Three-dimensional (3D) bioprinting has emerged as a powerful tool for fabricating engineered living materials (ELMs). Despite recent advances in controlling the spatial distribution of bacteria in hydrogel, printing bacteria-laden hydrogels into bulk 3D structures remains a significant challenge. This study presents a partial crosslinking bioprinting strategy for fabricating bacterial cellulose (BC)-based living scaffolds using sodium alginate (SA) hydrogels embedded with Komagataeibacter xylinus. Pre-crosslinked SA was first printed to define the scaffold outline, followed by infilling with uncrosslinked, bacteria-laden SA bioink to enable in situ BC nanofiber production. As BC nanofibers formed within the hydrogel, the scaffolds exhibited self-strengthening and self-hardening property. The effects of SA concentration and culture duration on cellulose yield, rheological properties, printability, and mechanical performance were systematically evaluated. Based on the quantitative relationship between hydrogel formulation, bacterial activity, and scaffold functionality, we optimized the bioinks to enable both high-resolution printing and efficient cellulose formation. This microbial bioprinting technique provides a robust platform for constructing functional BC-based ELMs with potential applications in biomedicine and tissue engineering.

查看原文本刊更多论文

利用海藻酸钠水凝胶中产生纤维素纳米纤维的细菌进行自我强化生物材料的3D生物打印

三维（3D）生物打印已经成为制造工程生物材料（elm）的有力工具。尽管最近在控制水凝胶中细菌的空间分布方面取得了进展，但将细菌负载的水凝胶打印成大块3D结构仍然是一个重大挑战。本研究提出了一种局部交联生物打印策略，利用海藻酸钠（SA）水凝胶包埋木状Komagataeibacter xylinus，制备细菌纤维素（BC）基活支架。首先打印预交联SA以确定支架轮廓，然后填充未交联的细菌SA生物链接，以实现原位BC纳米纤维的生产。由于BC纳米纤维在水凝胶中形成，支架具有自增强和自硬化的特性。系统评价了SA浓度和培养时间对纤维素产率、流变性能、印刷适性和机械性能的影响。基于水凝胶配方、细菌活性和支架功能之间的定量关系，我们优化了生物墨水，以实现高分辨率打印和高效纤维素形成。这种微生物生物打印技术为构建基于bc的功能性elm提供了一个强大的平台，在生物医学和组织工程方面具有潜在的应用前景。

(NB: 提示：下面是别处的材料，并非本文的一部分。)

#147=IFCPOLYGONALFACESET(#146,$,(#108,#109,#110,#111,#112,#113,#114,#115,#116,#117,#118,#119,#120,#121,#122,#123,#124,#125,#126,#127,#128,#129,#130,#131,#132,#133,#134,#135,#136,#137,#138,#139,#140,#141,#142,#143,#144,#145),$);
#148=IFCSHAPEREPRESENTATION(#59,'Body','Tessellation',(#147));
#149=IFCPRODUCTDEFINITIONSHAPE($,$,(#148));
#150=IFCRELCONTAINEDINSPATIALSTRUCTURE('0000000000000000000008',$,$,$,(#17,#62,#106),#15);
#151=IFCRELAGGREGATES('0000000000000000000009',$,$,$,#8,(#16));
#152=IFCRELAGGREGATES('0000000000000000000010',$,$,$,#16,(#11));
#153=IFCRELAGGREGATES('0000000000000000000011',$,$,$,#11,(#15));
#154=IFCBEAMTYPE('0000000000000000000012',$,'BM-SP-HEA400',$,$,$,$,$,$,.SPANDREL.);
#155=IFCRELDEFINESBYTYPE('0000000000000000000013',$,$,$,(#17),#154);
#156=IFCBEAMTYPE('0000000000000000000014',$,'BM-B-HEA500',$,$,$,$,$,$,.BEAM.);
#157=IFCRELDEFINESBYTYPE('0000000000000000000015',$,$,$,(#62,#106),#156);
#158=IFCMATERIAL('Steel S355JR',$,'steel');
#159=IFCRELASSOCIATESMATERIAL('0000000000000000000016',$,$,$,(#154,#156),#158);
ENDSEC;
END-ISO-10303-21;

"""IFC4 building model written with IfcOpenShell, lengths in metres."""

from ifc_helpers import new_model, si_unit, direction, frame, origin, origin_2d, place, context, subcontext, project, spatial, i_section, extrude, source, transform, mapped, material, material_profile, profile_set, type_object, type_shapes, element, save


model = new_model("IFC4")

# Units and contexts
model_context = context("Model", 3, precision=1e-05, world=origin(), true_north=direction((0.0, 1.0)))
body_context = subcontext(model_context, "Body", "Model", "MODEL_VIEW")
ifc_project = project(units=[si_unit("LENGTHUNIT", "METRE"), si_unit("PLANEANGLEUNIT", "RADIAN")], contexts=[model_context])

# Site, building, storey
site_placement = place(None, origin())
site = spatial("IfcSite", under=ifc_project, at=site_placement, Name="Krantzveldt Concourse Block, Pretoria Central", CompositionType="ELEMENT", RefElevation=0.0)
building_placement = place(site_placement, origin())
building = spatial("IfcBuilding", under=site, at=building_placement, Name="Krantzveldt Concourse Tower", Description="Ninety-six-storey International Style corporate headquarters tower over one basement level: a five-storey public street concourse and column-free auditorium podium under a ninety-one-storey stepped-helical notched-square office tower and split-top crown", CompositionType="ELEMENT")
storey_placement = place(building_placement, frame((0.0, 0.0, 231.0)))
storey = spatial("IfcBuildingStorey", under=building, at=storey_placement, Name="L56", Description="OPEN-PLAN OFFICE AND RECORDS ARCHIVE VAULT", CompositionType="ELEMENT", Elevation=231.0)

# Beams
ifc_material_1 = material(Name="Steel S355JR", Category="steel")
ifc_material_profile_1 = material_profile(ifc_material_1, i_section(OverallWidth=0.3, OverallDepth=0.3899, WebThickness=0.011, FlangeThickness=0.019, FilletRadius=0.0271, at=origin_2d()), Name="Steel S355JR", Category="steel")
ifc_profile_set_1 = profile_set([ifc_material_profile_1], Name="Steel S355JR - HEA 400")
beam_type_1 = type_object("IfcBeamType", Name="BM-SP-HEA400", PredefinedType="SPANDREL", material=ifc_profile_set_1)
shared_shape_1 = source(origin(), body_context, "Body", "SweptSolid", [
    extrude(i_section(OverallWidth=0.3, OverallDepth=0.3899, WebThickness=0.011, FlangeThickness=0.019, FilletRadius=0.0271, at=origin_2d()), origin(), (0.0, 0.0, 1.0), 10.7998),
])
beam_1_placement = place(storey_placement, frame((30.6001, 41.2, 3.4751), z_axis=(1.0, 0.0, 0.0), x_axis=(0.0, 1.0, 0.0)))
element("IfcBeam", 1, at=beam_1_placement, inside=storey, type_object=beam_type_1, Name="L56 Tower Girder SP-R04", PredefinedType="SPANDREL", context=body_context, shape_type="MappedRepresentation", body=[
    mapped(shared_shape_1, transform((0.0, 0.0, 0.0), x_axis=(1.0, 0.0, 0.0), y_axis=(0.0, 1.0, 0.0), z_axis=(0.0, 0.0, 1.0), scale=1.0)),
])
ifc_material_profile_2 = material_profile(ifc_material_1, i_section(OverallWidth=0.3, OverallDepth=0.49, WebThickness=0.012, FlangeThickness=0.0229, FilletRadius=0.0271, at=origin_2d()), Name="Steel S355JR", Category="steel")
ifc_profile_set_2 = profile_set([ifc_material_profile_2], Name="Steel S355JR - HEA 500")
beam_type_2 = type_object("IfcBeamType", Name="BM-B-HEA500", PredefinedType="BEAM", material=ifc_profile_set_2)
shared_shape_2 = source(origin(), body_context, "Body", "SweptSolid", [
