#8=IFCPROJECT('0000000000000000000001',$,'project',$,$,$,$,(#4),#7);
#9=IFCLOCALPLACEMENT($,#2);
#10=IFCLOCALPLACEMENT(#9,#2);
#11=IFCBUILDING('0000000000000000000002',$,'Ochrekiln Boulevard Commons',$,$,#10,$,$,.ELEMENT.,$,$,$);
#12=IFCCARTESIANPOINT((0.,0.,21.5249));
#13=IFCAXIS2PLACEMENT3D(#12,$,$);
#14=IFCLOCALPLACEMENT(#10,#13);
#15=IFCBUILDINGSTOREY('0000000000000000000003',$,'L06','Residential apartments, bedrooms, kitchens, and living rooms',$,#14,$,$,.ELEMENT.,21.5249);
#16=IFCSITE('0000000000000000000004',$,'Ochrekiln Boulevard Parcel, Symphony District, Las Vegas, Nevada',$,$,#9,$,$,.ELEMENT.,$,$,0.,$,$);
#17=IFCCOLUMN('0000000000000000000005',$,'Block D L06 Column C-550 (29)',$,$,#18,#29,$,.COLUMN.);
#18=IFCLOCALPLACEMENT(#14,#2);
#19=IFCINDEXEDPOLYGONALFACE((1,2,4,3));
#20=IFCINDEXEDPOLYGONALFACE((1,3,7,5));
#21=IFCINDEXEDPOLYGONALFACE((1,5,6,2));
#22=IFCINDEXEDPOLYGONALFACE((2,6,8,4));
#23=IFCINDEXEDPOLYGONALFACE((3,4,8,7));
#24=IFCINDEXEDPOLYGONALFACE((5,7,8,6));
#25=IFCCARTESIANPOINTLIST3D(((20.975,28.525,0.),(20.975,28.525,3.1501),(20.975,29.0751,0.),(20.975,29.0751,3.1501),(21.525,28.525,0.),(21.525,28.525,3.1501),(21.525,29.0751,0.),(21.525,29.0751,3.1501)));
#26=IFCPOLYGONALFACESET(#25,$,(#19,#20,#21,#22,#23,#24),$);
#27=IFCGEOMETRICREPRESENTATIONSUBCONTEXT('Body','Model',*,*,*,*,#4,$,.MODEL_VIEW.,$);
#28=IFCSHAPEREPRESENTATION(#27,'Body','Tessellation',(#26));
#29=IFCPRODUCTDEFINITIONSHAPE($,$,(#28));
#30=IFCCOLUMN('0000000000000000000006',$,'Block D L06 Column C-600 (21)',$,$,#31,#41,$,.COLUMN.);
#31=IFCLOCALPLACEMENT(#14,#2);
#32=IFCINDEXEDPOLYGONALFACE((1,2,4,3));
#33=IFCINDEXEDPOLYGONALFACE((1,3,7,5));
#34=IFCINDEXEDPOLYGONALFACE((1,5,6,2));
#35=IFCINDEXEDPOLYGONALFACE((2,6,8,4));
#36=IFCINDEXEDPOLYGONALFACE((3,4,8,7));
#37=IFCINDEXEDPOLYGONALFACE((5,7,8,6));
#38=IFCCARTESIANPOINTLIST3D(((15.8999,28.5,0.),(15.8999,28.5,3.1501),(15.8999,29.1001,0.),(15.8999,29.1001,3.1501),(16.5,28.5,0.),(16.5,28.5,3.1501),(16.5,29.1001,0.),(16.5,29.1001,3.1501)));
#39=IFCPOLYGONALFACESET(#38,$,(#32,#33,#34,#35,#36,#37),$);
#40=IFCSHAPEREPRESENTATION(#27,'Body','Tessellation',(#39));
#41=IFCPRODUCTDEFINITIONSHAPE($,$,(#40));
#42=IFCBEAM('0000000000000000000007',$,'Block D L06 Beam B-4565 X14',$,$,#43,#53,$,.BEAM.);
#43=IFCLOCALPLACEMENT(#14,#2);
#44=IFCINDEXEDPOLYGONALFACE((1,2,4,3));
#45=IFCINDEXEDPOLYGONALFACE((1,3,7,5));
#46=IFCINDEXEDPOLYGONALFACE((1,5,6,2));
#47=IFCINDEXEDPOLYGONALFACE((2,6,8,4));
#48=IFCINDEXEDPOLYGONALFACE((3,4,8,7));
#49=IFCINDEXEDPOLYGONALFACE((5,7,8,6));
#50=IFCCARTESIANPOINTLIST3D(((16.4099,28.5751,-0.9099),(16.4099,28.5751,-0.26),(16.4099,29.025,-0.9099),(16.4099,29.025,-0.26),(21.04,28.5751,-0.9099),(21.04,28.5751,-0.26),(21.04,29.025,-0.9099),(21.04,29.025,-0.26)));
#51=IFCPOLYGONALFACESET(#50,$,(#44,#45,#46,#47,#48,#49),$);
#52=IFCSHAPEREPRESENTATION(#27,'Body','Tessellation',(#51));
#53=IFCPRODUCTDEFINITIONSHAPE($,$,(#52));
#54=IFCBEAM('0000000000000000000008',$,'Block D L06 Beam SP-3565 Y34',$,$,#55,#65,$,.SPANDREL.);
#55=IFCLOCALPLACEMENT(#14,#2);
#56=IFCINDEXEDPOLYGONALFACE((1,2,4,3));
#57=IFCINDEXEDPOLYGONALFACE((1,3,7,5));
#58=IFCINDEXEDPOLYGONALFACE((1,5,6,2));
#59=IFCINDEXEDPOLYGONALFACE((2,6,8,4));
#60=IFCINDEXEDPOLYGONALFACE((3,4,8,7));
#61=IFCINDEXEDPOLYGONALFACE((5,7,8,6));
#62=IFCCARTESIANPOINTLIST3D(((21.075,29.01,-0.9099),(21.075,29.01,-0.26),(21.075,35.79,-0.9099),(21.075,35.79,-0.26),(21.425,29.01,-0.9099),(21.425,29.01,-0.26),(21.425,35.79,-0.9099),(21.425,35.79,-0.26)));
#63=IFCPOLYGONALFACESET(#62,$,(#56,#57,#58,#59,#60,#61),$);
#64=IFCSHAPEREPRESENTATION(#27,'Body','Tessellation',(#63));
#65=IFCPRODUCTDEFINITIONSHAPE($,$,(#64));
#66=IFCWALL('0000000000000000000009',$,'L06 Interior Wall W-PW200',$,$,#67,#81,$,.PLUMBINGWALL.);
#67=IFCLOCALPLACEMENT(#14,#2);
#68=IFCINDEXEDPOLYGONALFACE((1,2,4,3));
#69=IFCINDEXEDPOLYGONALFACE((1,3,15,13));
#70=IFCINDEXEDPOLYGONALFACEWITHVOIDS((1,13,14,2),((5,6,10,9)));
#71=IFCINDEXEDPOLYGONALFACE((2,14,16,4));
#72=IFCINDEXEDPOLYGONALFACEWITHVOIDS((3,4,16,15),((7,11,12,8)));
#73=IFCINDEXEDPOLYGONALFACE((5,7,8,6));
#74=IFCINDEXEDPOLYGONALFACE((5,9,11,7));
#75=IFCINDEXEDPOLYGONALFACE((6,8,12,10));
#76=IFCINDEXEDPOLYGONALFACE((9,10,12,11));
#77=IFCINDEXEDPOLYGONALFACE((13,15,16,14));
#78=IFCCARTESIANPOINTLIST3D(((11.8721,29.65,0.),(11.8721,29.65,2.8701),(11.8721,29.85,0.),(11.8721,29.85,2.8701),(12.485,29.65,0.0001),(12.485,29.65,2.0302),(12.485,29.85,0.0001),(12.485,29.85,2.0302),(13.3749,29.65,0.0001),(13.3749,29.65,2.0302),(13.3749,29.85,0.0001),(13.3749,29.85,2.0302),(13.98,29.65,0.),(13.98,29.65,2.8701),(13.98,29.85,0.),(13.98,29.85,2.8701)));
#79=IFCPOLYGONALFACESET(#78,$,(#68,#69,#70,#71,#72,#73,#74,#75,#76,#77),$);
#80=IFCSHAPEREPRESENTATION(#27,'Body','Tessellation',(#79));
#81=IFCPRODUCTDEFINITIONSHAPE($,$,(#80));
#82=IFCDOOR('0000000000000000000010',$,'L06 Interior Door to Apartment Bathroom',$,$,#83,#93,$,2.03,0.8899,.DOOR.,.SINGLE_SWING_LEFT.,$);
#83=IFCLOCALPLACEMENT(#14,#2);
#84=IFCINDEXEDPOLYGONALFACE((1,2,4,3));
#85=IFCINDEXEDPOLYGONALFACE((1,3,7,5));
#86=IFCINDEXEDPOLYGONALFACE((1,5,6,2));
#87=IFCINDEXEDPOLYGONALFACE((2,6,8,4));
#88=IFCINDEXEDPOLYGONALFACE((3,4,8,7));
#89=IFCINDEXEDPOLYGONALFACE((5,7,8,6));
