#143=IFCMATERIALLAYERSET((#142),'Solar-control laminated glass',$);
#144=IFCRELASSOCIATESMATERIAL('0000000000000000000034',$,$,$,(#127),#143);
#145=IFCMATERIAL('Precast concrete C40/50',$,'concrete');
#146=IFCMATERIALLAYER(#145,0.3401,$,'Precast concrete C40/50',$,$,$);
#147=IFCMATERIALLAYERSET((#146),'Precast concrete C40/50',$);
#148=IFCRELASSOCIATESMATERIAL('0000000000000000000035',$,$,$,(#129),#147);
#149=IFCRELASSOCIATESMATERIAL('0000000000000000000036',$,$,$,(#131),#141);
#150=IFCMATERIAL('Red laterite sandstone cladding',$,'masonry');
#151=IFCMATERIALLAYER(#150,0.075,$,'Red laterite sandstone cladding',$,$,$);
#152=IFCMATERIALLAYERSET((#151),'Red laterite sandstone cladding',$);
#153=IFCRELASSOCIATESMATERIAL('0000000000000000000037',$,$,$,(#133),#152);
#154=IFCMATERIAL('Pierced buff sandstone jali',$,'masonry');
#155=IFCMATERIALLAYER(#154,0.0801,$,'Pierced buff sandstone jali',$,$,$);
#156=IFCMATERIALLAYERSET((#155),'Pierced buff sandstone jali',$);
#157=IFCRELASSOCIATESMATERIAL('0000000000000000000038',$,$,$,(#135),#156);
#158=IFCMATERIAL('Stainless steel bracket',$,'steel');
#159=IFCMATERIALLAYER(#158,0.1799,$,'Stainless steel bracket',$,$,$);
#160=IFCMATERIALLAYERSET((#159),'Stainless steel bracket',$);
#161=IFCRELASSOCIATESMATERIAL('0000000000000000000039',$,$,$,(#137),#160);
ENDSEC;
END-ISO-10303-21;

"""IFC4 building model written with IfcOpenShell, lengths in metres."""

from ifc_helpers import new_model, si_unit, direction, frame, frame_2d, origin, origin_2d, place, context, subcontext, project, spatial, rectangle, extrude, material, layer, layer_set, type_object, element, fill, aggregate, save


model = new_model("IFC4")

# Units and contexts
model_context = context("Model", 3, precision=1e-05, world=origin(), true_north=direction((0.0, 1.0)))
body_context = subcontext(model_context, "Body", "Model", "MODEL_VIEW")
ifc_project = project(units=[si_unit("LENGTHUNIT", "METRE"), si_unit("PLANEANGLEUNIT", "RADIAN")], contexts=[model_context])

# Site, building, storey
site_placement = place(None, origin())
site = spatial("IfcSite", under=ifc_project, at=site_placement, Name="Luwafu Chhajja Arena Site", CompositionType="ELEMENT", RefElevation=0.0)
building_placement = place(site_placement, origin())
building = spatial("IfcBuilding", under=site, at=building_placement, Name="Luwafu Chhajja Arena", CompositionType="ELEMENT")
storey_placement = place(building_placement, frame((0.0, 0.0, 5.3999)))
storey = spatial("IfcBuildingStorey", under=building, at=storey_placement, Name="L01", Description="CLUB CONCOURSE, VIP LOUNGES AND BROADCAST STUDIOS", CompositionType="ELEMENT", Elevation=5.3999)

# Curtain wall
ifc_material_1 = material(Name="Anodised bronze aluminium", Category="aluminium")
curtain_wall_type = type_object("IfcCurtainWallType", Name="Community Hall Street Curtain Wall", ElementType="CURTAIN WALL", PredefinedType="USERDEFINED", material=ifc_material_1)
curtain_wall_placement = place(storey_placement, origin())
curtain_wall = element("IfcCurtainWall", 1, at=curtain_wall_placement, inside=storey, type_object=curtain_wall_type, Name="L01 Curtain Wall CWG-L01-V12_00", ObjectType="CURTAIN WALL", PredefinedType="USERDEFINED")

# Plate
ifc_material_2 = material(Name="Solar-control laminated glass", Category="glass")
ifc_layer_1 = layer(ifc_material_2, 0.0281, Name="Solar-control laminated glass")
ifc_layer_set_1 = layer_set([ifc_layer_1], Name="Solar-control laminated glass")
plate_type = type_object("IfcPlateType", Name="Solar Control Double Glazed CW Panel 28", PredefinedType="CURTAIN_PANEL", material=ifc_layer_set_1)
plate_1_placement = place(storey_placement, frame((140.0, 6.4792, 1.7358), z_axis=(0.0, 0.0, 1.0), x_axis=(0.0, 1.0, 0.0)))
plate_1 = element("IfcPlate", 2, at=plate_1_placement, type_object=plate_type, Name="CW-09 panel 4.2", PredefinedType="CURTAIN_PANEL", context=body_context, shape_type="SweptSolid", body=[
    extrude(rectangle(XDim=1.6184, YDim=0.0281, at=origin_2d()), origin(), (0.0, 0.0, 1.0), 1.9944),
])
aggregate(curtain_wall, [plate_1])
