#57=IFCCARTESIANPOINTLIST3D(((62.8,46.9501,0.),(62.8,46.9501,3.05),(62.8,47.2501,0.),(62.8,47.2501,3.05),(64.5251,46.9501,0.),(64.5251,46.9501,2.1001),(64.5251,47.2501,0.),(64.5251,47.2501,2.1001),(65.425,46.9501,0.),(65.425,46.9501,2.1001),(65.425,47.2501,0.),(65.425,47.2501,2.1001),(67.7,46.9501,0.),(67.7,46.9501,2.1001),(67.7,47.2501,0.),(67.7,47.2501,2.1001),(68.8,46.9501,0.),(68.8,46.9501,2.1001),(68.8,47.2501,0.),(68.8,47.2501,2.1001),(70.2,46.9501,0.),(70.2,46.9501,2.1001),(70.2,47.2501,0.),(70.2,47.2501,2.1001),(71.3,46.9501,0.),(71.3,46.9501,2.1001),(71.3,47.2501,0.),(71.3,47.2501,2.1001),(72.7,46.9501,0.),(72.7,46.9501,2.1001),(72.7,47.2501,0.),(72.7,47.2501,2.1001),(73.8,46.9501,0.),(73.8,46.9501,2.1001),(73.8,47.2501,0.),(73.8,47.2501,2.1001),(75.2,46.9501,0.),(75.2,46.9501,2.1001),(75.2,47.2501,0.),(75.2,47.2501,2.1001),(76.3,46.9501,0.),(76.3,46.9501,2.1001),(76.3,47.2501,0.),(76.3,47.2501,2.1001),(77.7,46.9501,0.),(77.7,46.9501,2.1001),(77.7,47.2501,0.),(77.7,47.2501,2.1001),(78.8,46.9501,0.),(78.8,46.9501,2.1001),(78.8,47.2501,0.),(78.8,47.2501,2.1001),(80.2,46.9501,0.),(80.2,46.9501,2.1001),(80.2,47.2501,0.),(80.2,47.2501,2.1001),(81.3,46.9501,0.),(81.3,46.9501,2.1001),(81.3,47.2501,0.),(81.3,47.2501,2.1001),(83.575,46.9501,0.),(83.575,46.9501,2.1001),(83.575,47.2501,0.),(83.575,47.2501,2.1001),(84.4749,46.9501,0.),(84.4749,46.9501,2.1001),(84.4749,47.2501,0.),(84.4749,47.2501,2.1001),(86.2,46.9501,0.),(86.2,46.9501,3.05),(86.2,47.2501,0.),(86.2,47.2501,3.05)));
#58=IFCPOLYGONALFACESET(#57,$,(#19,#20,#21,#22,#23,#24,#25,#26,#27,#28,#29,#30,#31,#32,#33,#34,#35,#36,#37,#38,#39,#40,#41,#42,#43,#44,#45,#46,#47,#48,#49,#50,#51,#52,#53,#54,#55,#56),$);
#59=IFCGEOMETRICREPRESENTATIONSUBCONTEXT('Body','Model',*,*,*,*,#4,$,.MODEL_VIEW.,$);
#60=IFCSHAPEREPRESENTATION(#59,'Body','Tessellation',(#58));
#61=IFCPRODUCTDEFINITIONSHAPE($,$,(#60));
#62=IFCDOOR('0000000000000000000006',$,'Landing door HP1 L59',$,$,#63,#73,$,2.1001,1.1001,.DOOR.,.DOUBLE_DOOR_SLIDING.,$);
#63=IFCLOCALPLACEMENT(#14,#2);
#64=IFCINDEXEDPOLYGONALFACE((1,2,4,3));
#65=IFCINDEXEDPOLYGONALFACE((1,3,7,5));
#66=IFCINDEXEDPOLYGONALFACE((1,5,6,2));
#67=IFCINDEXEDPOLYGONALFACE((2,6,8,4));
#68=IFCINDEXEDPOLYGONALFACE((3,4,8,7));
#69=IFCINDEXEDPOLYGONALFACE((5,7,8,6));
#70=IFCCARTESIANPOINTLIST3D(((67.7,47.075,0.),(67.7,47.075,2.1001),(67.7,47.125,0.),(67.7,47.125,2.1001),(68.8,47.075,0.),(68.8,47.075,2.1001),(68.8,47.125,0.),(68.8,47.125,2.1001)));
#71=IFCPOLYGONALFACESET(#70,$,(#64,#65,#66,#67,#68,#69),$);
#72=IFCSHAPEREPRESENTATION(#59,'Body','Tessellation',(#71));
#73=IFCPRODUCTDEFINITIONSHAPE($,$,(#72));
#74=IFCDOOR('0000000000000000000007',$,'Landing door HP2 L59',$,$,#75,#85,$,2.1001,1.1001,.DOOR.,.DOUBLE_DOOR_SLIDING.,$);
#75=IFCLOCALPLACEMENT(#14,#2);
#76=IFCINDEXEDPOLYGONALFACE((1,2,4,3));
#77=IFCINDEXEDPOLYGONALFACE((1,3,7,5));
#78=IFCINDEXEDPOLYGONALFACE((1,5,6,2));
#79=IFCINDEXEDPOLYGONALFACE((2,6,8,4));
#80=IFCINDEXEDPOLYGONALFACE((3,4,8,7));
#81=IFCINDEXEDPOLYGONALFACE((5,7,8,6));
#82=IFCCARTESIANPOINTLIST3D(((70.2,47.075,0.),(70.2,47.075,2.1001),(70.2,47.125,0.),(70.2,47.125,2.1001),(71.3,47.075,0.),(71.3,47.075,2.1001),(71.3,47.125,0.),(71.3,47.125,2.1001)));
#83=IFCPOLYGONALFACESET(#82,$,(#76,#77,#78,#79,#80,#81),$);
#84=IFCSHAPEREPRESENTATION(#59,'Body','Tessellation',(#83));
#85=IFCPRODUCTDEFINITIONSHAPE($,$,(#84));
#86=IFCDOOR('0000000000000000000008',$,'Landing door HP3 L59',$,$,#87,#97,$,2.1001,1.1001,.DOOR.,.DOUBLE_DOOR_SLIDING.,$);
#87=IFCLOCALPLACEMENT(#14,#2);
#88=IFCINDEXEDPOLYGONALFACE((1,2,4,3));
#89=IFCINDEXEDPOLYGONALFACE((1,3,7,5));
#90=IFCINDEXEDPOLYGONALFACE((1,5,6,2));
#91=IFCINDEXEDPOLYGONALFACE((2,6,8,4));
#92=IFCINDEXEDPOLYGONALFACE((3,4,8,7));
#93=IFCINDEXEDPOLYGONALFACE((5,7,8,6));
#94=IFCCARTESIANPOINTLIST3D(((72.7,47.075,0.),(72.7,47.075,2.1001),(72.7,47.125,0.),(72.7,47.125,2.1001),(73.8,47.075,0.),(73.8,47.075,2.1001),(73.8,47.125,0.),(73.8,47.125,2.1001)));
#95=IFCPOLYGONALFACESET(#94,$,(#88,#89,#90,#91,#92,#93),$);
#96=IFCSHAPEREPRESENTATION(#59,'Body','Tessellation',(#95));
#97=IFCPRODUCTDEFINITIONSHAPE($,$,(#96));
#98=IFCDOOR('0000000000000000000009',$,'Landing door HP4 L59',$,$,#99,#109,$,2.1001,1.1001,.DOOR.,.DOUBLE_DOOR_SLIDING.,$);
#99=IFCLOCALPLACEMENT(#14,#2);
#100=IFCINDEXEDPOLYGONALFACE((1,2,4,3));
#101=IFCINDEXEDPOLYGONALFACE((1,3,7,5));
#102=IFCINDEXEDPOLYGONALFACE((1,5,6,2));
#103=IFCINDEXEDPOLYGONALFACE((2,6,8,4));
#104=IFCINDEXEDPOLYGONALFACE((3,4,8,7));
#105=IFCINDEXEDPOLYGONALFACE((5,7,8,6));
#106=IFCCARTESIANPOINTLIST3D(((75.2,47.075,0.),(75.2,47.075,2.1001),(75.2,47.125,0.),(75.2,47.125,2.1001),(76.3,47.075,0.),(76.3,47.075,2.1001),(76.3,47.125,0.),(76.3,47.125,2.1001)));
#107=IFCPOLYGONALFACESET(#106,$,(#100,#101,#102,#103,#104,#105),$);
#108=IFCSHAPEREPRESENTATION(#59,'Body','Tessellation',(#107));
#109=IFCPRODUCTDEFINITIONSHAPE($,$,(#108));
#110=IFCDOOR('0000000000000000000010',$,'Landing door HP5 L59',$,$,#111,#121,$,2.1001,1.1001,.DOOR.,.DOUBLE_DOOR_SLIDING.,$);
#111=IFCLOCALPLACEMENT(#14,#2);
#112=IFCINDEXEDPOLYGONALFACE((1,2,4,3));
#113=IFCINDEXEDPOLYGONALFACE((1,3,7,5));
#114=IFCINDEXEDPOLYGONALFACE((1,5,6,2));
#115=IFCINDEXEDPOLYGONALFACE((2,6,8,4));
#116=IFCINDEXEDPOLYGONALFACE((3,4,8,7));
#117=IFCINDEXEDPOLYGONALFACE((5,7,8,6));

本文章由计算机程序翻译，如有差异，请以英文原文为准。

求助全文

约1分钟内获得全文求助全文

来源期刊

Bioprinting Computer Science-Computer Science Applications

CiteScore

11.50

自引率

0.00%

发文量

审稿时长

68 days

期刊介绍： Bioprinting is a broad-spectrum, multidisciplinary journal that covers all aspects of 3D fabrication technology involving biological tissues, organs and cells for medical and biotechnology applications. Topics covered include nanomaterials, biomaterials, scaffolds, 3D printing technology, imaging and CAD/CAM software and hardware, post-printing bioreactor maturation, cell and biological factor patterning, biofabrication, tissue engineering and other applications of 3D bioprinting technology. Bioprinting publishes research reports describing novel results with high clinical significance in all areas of 3D bioprinting research. Bioprinting issues contain a wide variety of review and analysis articles covering topics relevant to 3D bioprinting ranging from basic biological, material and technical advances to pre-clinical and clinical applications of 3D bioprinting.